User-defined context obligations add a RequireContextDecl trait member ('require_context' ID '<' ID '>' ('satisfied_by' ContextObjectKind ('or' ContextObjectKind)*)?), reserving require_context and satisfied_by. Each new keyword must also be added to SHAPE_RESERVED_WORDS in ast-generation-utils.ts; the “reserved words cover every ID-shaped grammar keyword” test enforces this so the AST generator never emits an unparsable bare keyword.
Memory-guard members are grouped blocks (ProtectsBlock, GuardsBlock, WhoBlock, WhenBlock, reserving who) in RationaleMember/MemoryMember. This is the only guard-member syntax — the earlier flat ProtectsDecl/GuardDecl (and bare top-level owner/review_by) members were removed, so there is one canonical on-disk form. The checker lowers block entries into the shared context info, and the formatter aggregates repeated blocks of the same kind into one.
ProtectsBlock entries are comma-separated, because a ProtectsEntry’s optional value would otherwise swallow the next entry’s keyword.

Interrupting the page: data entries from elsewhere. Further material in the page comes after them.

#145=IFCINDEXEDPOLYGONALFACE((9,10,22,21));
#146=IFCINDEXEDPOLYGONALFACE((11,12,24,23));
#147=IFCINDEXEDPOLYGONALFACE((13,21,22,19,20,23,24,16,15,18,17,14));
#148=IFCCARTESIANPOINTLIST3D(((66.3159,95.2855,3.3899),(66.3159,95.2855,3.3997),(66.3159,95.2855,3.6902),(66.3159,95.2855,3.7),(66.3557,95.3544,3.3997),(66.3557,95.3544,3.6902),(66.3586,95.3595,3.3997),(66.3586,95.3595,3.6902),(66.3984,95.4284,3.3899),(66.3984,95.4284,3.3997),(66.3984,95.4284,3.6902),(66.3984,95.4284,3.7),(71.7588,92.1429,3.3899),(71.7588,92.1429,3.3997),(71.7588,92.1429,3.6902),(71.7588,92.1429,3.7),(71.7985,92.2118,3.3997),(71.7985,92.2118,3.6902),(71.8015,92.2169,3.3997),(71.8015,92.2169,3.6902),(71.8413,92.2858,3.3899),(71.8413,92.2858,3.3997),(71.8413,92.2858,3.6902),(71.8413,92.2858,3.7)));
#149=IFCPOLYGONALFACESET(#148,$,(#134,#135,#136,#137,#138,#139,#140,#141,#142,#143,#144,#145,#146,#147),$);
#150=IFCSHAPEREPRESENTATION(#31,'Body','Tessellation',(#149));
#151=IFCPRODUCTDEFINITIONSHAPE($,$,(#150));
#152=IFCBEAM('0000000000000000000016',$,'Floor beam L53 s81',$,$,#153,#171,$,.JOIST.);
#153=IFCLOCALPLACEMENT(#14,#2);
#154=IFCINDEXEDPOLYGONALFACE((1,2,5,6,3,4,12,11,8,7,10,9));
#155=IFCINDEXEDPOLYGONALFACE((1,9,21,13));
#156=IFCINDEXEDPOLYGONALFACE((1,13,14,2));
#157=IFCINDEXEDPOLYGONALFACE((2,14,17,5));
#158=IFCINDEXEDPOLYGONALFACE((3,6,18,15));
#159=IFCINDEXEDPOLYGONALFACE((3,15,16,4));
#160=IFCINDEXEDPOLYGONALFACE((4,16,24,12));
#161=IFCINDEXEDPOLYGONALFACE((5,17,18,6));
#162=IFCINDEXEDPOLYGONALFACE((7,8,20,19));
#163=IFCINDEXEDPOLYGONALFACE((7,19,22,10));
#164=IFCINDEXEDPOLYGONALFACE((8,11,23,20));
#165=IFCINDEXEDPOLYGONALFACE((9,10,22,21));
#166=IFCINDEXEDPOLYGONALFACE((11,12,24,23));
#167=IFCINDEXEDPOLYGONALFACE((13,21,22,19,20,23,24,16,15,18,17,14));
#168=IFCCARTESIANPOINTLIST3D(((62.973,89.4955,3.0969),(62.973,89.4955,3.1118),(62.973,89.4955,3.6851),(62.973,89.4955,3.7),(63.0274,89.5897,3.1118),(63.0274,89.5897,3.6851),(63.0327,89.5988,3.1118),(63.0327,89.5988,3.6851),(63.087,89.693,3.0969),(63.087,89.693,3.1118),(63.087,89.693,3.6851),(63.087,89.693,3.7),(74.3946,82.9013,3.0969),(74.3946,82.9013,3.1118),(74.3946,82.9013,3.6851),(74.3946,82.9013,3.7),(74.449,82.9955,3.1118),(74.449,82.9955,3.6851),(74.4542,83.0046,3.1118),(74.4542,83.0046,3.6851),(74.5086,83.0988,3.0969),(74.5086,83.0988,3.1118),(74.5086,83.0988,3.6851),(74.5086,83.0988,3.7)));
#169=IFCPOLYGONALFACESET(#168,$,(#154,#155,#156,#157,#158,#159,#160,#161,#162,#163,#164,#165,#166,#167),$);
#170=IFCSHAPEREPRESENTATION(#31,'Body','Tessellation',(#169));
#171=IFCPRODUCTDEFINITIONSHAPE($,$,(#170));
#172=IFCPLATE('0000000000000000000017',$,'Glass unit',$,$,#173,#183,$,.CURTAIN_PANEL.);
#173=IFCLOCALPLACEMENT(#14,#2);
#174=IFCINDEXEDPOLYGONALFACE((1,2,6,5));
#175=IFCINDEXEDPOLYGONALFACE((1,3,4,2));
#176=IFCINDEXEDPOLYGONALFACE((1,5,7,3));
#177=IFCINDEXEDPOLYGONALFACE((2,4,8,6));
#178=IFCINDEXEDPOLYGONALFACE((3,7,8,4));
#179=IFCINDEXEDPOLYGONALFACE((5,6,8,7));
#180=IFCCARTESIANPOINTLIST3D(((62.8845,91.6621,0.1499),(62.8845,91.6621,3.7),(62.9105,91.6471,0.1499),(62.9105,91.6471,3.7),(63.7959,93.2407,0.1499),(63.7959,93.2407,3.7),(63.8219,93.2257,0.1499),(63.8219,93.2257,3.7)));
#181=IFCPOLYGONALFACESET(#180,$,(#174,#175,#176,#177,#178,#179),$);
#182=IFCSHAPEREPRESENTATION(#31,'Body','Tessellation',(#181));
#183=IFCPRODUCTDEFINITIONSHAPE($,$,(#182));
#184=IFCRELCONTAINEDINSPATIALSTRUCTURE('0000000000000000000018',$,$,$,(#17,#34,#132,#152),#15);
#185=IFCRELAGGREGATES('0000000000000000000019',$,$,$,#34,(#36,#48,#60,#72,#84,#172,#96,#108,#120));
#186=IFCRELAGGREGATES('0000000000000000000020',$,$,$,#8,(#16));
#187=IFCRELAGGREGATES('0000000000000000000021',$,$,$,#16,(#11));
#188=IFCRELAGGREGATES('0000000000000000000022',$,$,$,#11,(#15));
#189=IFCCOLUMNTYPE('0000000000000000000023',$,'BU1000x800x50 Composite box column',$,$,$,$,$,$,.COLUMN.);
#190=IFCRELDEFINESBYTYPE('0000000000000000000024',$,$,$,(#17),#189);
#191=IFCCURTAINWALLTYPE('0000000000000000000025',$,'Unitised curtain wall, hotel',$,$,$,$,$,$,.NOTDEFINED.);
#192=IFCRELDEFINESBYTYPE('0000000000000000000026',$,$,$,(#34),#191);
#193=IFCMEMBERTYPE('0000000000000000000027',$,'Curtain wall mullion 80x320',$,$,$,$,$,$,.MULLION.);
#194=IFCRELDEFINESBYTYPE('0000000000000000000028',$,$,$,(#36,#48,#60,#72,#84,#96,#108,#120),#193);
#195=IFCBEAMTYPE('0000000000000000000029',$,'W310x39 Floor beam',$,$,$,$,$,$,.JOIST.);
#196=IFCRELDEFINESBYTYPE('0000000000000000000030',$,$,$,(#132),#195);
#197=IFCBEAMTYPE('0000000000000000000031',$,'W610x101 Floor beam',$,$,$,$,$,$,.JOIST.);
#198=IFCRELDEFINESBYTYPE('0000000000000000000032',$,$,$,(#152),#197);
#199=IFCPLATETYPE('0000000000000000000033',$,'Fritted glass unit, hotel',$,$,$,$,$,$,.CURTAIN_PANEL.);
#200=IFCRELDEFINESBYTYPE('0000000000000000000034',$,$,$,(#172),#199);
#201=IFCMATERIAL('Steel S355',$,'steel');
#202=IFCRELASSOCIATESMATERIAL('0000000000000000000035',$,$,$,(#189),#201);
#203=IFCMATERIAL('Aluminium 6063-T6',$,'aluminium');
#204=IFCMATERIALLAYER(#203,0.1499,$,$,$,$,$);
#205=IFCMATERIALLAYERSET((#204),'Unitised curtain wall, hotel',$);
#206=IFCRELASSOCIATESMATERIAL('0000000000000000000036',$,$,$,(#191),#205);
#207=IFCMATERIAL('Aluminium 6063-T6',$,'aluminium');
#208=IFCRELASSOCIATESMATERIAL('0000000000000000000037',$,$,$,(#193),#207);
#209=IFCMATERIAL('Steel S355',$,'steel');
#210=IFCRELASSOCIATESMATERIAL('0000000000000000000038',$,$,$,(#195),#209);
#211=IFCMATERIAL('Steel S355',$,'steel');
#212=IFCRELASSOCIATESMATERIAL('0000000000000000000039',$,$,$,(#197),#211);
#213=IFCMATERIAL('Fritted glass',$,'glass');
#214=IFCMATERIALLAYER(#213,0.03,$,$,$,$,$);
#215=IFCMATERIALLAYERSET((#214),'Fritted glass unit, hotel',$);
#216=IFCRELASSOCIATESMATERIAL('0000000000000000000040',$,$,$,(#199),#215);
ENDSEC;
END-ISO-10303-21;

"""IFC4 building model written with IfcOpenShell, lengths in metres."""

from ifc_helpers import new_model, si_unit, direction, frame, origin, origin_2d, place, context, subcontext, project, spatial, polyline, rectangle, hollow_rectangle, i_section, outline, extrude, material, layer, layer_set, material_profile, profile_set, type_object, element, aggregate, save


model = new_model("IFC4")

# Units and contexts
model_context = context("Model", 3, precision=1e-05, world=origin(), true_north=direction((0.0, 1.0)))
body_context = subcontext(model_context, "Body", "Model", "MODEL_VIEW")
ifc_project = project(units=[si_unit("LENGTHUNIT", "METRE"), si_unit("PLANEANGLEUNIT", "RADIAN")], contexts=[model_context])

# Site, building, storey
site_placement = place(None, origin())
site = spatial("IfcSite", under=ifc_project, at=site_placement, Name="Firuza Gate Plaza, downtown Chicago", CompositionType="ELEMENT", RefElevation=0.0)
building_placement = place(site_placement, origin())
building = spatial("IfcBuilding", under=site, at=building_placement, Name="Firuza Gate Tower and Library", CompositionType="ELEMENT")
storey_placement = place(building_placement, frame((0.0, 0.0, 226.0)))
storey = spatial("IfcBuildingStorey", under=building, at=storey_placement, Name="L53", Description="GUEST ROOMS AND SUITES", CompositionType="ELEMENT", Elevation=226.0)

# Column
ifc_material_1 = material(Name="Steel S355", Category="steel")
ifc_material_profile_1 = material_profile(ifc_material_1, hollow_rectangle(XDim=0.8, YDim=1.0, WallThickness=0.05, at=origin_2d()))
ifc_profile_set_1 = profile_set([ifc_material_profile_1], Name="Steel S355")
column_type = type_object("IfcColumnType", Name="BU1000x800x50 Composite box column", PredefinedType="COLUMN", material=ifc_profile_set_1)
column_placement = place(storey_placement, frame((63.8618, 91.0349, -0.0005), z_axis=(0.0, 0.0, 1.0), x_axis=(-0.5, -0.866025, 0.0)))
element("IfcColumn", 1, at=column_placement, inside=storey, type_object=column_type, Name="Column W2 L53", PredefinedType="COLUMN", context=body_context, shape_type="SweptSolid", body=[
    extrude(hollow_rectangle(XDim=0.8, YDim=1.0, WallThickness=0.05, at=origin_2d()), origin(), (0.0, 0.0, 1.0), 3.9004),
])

GuardsBlock entries are self-delimiting (each starts with on_change or forbid). WhoBlock/WhenBlock hold a single optional OwnerDecl/ReviewByDecl, matching the single-valued lowering so the formatter cannot reorder repeated entries into a different document-order winner.
Generated Artifacts
Section titled “Generated Artifacts”After grammar edits, run:
bun run langium:generateGenerated files live under packages/shp-checker/src/language/generated/.
Do not hand-edit generated files. Change the grammar, regenerate, and then update parser, formatter, checker, editor, authoring, and docs code that depends on the new AST shape.
Safe Grammar Change Checklist
Section titled “Safe Grammar Change Checklist”When changing the grammar, make the corresponding semantic and tooling changes in the same branch:
- Add or update parser tests for the syntax.
- Update formatter output so diffs stay canonical.
- Lower new semantic concepts into facts or internal indexes.
- Add rule checks only if the syntax has semantic meaning.
- Add or update bindings when the syntax affects docs, CLI behavior, or other review surfaces.
- Add editor completions or hovers if the construct is user-facing.
- Update docs with a valid example and, when needed,
shape no-verifyfor partial snippets. - Run
bun run langium:generate,bun test,bun run docs:check, andbun run typecheck.
The grammar is the first contract users meet. Keep it explicit, stable, and easy to explain.